I kept my eyes glued to the kitchen floor, hoping it would keep Mr. Austin from continuing our conversation. The tiles were perfectly clean, perfectly shined, except for a toe print just in front of my feet. I inched my right foot forward and pressed my big toe down on top of the print. It matched perfectly.

Jake clattered down the stairs and I looked up, seeing him much younger in the shadowed hallway. He was twelve, thirteen, eager to show me and Lacey his newest game console. He was in baggy blue shorts, ready to teach me how to sink a layup. He was surreptitiously checking his face for zits in the hallway mirror; he was shoving books into a duffel bag. He was damp from the shower; he was sneezing into a paper towel; he was tugging at a new tie. He was tired, uncertain, proud, nervous, eager, disappointed, pleased. He was everything I’d ever known him to be. He was five years of Jake all at once.

Mr. Austin shook his head. “See if you can do something with him.”

Jake scowled, but I smiled my first genuine smile of the night. “I will.” I held out my hand to Jake and he crossed the room to meet me. He looked tired and grumpy. I slid my fingers into his hard hand and held tight.

“We’re taking the truck,” he told his father, and pulled me out the door.

In the truck he didn’t talk, and I pressed my fingers against my knees. Jake drove through the neighborhood and turned onto the slow country highway that stretched between the gates of Sauvignon and the edge of town, twelve miles of empty hills and paper stalk cornfields. The moon hung low over distant trees, a circle of deep orange.

Jake slapped the steering wheel. “Goddammit!” His voice was deafening in the quiet night, and I imagined entire fields of geese waking to startled flight. “That fucking . . . He had no fucking right.” I wanted to reach over and place my hand on his leg, to comfort or maybe distract him, but in his voice I heard something of his father, and I stayed still.

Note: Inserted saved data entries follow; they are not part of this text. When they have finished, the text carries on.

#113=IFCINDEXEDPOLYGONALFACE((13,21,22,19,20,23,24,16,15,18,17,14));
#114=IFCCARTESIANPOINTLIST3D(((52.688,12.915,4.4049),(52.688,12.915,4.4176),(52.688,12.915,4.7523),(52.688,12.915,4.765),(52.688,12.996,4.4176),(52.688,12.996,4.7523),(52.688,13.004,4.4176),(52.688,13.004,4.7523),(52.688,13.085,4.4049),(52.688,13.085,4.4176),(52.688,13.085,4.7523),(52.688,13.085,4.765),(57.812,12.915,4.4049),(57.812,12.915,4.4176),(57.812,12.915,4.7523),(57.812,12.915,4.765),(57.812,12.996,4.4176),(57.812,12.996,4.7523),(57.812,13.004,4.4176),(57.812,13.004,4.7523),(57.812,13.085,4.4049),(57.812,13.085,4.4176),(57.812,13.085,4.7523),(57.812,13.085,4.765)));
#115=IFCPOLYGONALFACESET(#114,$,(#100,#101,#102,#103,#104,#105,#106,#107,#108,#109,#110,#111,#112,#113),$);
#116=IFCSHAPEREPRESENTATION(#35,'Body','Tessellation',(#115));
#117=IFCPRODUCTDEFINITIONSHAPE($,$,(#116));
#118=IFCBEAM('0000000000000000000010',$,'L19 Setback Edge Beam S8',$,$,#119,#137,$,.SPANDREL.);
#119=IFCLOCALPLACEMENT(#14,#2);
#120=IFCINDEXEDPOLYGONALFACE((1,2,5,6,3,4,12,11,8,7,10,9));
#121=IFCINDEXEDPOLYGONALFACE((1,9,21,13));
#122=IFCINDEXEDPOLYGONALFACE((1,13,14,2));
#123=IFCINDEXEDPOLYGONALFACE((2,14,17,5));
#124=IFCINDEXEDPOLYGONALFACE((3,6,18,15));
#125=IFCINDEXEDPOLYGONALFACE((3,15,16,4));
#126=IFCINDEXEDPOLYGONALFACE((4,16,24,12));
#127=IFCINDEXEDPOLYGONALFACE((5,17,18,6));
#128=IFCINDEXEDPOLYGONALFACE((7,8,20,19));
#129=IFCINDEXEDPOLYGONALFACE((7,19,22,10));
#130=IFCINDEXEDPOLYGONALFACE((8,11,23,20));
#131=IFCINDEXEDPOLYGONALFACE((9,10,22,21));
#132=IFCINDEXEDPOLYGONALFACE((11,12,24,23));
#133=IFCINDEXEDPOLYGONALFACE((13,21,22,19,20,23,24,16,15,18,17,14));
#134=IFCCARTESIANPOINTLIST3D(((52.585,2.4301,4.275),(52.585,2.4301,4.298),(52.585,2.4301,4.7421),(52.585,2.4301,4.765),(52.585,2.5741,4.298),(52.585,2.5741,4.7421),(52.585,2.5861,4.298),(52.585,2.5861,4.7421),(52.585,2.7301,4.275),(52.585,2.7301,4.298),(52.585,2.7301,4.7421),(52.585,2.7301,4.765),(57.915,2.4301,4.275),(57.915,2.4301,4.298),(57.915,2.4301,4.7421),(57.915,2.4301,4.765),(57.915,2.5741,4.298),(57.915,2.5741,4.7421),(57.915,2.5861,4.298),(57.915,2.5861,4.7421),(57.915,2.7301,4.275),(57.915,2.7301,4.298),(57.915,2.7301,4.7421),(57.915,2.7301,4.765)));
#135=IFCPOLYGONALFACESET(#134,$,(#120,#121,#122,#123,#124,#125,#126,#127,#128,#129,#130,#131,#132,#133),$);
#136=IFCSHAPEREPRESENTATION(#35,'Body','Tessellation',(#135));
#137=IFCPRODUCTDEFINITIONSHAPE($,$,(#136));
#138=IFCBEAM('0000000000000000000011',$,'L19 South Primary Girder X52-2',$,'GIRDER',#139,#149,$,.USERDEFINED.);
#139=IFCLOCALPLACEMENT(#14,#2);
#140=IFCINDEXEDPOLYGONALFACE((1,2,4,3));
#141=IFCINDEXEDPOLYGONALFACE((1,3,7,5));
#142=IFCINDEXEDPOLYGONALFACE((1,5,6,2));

“Fuck!” he said, and pulled over to the side of the road. “I’m sorry.”

“It’s okay.”

We sat in silence for a moment, staring straight ahead. The engine murmured beneath us. Jake reached across me and flipped open the glove box. Inside, a silver flask glinted in the low-wattage light. He grabbed it and took a long swallow, and another, and then handed the flask to me. I drank without thinking. “Jake,” I said. “Is everything —”

He shook his head, staring through the dark. A last, late firefly glowed briefly and disappeared. “He found my — I was trying to — I wanted —”

For one crazy second, I thought of Ethan in his Jeep, staring out the window and talking about his mother’s boyfriend, his little brothers. Is this how boys confess? Staring through windshields into darkness? But thinking of Ethan made me feel guilty. I turned my focus back to Jake.

“It’s so fucking stupid. I was just . . . I wanted to write something . . . for you. . . . I know how much you like that stuff, and Lacey said . . .” He shook his head. “He fucking ripped it up.”

“God,” I said. “I’m sorry.”

He punched the steering wheel. “Never mind. It’s so fucking stupid. My dad’s right.”

I spoke quietly. “No he’s not.”

“Yes, Paige, he is. Poetry is for chicks and fags.” His voice was heavy with disgust, and he sounded like his dad.

“Jake —” I ached to think of his first, fragile attempts at writing, real writing, ripped apart and sagging in strips against the sides of his wastebasket.

He didn’t look at me. “Lacey says some girls just go for gay guys, but I thought if I could —”

Lacey? She was behind this? I suddenly wanted to punch something myself.

“Fuck it,” Jake said. He shifted the truck back into first gear and revved the engine.

I wanted to make him feel better, but I didn’t know any words that could temper the strange severity of his tight fists and sharp voice. My hand reached for his and faltered in the space between us, hanging, until it felt unhinged from my body. The headlights stretched down the dark road before us, catching bits of leaf and dust blowing through the blustery night. “At least let me drive,” I said, but he shook his head.